Paris: France's opposition Socialists made sweeping gains in local elections, delivering a sharp blow to President Nicolas Sarkozy just 10 months after his triumph in last year's presidential election.
The Socialists retained control of the capital Paris and won a string of towns and cities from Sarkozy's centre-right UMP party, including the key cities of Toulouse and Strasbourg.
But they failed to win the biggest symbolic prize of the evening, France's third city of Marseille, which the right just managed to hold, saving itself from total humiliation in the nationwide vote.
The yesterday's elections were the first test of Sarkozy's popularity with voters since his victory last May, and the mood has changed sharply since then as the economy has faltered.
The Socialists, looking for a success to overcome the infighting that has plagued them since the defeat of their candidate, Segolene Royal, in the presidential election, won more than 15 major towns and cities from the right.
''And bling!'' was the headline of the left-wing daily Liberation above a full-page cartoon depicting a crushed Sarkozy, whom it habitually characterises as the ''bling-bling'' president.
Government leaders maintained that voters had decided on local issues and that the result would not affect national policies, but some were less sanguine.
''This is an evening of defeat,'' said Jean-Francois Cope, leader of the UMP parliamentary party.
Socialist leaders immediately called on the government to listen to voters and abandon ''unjust'' reforms but Prime Minister Francois Fillon said there would be no change of direction.
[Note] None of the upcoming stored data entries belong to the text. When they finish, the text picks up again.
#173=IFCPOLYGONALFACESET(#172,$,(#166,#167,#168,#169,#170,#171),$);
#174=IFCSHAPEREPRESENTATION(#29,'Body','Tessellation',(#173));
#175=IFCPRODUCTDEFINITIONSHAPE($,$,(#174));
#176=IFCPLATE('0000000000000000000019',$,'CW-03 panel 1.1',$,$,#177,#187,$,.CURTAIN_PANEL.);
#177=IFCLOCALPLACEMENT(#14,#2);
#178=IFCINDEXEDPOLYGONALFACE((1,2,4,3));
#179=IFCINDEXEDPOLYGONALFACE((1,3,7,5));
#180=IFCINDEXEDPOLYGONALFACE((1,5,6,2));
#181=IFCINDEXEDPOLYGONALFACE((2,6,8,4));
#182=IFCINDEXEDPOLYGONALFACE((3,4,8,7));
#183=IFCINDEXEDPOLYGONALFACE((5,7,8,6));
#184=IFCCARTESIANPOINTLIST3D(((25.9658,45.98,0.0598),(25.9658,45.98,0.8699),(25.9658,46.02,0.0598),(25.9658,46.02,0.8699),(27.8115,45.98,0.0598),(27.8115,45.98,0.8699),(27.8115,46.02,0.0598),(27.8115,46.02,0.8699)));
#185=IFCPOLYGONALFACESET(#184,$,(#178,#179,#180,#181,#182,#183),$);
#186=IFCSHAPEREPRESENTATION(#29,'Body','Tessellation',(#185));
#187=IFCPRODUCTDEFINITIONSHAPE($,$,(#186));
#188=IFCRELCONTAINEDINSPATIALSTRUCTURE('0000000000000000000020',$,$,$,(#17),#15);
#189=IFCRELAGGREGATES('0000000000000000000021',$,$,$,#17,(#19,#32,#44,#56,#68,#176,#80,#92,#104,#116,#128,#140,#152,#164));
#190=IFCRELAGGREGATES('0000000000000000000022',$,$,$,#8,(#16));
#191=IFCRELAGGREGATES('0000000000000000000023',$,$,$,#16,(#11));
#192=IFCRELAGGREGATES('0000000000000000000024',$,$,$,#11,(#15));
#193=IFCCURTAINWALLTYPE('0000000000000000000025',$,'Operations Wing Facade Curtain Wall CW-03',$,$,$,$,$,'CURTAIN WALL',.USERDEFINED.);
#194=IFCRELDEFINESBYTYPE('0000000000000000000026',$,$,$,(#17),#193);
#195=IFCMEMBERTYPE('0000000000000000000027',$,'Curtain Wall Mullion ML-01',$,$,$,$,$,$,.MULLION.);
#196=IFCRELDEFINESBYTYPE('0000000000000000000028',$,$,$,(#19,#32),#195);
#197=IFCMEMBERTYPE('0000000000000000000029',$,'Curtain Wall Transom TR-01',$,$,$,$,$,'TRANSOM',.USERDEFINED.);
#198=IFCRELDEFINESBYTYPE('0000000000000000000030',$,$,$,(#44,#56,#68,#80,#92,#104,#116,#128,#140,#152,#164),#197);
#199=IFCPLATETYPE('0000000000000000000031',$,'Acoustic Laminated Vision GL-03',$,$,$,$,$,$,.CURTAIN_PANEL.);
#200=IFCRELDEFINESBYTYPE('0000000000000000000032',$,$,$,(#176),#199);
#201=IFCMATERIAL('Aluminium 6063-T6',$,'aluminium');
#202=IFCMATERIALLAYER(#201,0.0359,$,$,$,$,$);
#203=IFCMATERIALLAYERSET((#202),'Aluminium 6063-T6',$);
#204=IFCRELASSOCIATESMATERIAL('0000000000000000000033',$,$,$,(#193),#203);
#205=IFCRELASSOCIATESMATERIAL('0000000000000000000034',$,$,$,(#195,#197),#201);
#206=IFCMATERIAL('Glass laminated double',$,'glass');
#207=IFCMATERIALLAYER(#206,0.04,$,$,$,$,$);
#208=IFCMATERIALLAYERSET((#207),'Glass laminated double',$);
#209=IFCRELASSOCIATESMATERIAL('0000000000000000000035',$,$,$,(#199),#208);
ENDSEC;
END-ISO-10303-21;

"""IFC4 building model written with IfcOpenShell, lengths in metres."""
''We will not duck the difficulties, we will respect our commitments. With the President of the Republic, we will make France succeed,'' Fillon said in a televised statement.
Sarkozy came to power in May pledging a break with the failed policies of decades of past French government and promising better times for those prepared to work hard.
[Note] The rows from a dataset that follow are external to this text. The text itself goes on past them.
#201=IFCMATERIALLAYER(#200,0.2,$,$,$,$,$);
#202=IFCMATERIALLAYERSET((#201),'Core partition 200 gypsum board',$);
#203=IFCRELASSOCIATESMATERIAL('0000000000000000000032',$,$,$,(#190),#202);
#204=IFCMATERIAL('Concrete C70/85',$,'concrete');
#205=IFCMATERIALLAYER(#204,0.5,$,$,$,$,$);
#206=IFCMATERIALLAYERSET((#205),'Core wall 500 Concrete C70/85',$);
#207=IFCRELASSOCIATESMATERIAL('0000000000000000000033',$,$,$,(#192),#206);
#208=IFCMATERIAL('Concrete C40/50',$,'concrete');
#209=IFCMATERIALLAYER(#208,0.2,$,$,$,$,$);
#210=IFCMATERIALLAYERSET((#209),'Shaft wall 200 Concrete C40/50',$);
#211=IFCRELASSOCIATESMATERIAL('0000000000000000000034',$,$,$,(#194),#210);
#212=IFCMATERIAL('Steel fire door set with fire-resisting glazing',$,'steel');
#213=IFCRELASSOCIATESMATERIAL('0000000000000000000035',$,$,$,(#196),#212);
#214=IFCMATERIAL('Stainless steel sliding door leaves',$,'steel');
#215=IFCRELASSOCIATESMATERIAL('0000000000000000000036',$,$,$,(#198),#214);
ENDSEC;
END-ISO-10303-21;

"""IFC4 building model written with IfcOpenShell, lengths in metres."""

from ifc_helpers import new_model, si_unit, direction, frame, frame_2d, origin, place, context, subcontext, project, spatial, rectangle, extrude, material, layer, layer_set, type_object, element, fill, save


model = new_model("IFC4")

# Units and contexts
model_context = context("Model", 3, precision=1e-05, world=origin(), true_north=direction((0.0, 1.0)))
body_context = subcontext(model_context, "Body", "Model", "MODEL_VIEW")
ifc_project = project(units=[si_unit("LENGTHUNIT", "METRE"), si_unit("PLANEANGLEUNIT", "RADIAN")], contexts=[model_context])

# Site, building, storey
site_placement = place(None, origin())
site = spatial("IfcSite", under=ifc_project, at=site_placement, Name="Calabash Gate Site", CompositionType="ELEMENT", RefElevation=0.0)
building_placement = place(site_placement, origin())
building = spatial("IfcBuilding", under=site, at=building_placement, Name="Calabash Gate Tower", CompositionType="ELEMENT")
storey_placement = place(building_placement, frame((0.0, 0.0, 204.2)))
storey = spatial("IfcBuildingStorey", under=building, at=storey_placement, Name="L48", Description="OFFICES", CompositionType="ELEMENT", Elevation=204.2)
But growing worries over the soaring cost of living and dwindling spending power, combined with widespread irritation at his own glitzy lifestyle and brusque personal manner have combined to dent his image and torpedo his approval ratings.
He remained in the background during the final weeks of the campaign, leaving Fillon, his increasingly popular prime minister, to act as the government front-man in the campaign.
As if expecting defeat, he pledged after the first round of the election last week ''to draw the lessons from the election,'' though no major change of policy direction or cabinet reshuffle is expected.
''There is no question of touching the general architecture of the government or the main positions before the beginning of next year,'' his chief of staff Claude Gueant told the daily La Croix, saying there might be some ''technical readjustments''.
Sarkozy is expected to try to tone down his image as the hyperactive ''duracell'' president and restore his aura as head of state, attending events in coming days commemorating the wartime resistance and the death of France's last World War One veteran.
Education Minister Xavier Darcos was toppled from his local powerbase as mayor of Perigueux in the south, but there was no sign that he would lose his cabinet seat as a result.
Francois Bayrou, head of the centrist MoDem party, who came third in last year's presidential election, was embarrassingly beaten in the race for Pau in the south but pledged to continue with his drive to build a major third force in French politics.